We all need a pension for when we retire, otherwise we may have insufficient income to help take care of ourselves in retirement, but unfortunately, in recent years a combination of low wages and rising living costs have meant many people (especially those on a small salary) are failing to put money into their pensions.
To combat this, the government has been rolling out workplace pensions, whereby workers save a portion of their earnings into a pension pot operated by their employer. They're an easy way to get a pension fund together before retirement, and can offer great benefits when compared with privately managing your own pension.
Who can get one?
Whether or not you can pay into a workplace pension depends on your age, earnings and employment status.
If you work in the UK, are aged between 22 and State Pension age, and earn more than £10,000 each year, you will be automatically enrolled into a workplace pension scheme by your employer.

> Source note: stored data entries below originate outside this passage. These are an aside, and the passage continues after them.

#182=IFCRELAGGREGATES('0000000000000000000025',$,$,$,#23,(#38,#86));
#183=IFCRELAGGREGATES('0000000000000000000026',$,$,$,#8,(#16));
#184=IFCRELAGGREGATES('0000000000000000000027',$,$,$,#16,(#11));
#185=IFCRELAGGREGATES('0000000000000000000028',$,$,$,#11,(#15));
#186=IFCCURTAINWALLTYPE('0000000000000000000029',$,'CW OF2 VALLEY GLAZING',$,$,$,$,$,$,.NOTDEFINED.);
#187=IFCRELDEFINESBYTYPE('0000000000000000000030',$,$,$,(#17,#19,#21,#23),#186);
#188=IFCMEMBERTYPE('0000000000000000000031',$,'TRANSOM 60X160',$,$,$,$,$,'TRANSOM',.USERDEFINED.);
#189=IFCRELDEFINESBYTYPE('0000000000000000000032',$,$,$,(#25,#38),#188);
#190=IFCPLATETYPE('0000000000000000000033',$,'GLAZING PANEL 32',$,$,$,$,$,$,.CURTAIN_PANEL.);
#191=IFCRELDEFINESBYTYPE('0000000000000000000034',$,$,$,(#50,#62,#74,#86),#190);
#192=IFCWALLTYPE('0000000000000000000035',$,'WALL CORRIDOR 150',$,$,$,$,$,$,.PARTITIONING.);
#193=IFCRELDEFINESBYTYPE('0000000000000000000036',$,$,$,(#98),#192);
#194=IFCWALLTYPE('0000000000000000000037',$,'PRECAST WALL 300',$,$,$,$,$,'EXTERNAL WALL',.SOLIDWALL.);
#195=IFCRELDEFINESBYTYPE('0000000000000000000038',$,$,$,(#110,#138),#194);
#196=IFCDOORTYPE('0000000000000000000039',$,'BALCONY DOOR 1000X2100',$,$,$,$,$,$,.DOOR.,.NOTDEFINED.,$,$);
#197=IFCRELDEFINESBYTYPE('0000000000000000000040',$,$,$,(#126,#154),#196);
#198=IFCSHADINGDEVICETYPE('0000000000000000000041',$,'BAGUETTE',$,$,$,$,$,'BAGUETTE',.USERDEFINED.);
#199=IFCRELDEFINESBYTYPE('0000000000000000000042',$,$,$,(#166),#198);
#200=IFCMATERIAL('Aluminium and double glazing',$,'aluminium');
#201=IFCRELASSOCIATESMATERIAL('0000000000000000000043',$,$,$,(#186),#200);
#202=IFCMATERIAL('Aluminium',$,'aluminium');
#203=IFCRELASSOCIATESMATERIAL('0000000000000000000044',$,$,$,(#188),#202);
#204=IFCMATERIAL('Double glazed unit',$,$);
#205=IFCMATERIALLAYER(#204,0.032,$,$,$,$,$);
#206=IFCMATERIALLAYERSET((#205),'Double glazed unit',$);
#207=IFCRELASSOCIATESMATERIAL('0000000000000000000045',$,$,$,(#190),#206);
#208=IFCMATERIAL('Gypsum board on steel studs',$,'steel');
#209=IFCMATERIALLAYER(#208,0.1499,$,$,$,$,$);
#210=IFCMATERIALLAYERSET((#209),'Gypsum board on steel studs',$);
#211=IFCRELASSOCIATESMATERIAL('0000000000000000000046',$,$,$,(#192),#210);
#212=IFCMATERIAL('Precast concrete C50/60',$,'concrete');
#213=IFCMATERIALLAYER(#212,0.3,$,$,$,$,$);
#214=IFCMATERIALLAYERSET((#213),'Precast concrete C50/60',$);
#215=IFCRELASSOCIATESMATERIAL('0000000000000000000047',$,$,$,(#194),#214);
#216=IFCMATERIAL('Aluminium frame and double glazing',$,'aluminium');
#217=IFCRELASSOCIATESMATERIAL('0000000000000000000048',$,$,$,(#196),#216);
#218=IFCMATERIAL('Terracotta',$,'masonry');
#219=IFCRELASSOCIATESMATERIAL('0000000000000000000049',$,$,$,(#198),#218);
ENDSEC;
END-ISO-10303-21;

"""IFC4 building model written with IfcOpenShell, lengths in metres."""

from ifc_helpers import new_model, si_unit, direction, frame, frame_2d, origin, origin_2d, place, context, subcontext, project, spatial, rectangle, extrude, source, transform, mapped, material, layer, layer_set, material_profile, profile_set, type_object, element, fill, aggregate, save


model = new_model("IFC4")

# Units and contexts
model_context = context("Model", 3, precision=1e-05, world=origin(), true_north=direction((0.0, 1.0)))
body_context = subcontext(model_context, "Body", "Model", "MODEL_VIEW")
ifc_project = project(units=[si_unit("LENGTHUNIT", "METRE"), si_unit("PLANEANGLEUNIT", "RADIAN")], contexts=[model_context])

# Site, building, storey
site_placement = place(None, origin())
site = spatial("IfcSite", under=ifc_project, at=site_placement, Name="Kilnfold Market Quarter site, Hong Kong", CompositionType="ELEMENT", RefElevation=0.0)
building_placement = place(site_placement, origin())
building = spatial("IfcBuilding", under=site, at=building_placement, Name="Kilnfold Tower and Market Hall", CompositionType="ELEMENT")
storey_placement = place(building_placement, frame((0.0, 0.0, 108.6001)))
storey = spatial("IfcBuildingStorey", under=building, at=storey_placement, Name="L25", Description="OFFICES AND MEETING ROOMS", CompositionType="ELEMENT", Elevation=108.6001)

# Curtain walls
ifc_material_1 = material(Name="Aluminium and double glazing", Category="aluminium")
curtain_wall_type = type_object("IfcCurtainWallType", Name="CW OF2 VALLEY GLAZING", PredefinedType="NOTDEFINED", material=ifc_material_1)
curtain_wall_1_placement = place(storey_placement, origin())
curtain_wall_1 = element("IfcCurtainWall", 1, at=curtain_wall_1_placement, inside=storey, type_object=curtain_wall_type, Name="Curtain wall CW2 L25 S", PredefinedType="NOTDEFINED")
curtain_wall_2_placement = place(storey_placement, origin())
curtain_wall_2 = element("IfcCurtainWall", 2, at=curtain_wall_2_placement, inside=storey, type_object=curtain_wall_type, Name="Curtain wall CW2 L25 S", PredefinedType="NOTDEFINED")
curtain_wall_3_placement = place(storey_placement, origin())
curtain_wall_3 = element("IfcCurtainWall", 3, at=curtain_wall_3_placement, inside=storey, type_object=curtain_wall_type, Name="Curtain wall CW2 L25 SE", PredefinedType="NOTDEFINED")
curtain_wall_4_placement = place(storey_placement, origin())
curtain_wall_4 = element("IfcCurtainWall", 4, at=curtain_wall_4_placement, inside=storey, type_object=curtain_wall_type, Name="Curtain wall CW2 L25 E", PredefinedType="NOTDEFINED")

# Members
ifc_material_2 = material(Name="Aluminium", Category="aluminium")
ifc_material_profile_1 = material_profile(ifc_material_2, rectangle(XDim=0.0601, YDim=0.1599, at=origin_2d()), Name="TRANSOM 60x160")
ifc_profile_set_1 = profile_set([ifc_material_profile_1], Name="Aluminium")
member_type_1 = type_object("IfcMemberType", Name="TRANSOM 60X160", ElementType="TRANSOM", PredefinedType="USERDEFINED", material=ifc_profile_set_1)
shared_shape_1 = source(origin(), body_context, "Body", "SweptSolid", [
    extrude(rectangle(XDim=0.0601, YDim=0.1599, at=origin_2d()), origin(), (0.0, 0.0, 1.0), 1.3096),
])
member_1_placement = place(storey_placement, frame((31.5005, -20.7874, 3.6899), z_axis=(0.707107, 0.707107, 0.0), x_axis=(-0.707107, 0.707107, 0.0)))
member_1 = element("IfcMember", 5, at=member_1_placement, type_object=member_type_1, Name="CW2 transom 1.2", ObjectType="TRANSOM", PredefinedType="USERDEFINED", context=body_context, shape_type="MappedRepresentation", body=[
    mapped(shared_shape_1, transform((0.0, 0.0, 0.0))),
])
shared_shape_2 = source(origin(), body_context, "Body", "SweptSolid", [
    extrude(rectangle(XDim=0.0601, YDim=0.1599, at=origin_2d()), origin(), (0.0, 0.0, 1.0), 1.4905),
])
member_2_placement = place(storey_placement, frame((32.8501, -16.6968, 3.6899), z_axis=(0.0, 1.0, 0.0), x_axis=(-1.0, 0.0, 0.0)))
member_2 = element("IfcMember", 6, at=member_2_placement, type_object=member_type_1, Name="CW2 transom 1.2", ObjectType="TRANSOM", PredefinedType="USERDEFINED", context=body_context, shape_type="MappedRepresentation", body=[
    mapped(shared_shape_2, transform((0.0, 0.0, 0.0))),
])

If you earn up to £10,000, or you are below age 22 or have reached State Pension age but are under 75, you can ask to be enrolled in the scheme, but you won't be automatically enrolled.
How much is paid in?
The amount added to the scheme – usually a defined contribution scheme – depends on a variety of factors. All amounts added must lie within your qualifying earnings (earnings from employment, before National Insurance Contributions and income tax payments are deducted). For the 2017/18 tax year, this amount is between £5,876 and £45,000.
Firstly, your contributions. These can be as large a percentage of your wages as you'd like, but it must be at least 0.8% of your qualifying earnings, rising to 2.4% on April 6th 2018, and 4% on April 6th 2019.
Your employer must pay 1% of your qualifying earnings currently, rising to 2% on April 6th 2018, and 3% on April 6th 2019. If you earn below £5,876 you are not entitled to receive employer contributions, and any earnings above £45,000 are not counted towards your qualifying earnings. Your employer can choose to pay more if they wish to do so.
You'll also earn tax relief on your contributions from the government of 0.2% of your qualifying earnings until 6 April 2018 rising to 0.6% until 6 April 2019 then rising to 1.0%.
What kind of pension will it be?
While most workplace pensions are defined contribution schemes, they can conceivably take the form of any variety of personal pension, including defined benefit schemes (also known as final salary schemes), group personal pensions and stakeholder pensions.
Take a look at our guide into the varieties of pension that exist, and feel free to ask your employer for more information on the particular type of scheme they've decided to operate. You should also ask how much they'll contribute, how you can check on the state of your pension, how your money will be invested and when you can withdraw.
Workplace pensions are a nifty, easy way of saving away a pension that'll boost your retirement and later life. Make sure to do your research – you'll certainly benefit from looking into the specifics of your employers' particular scheme.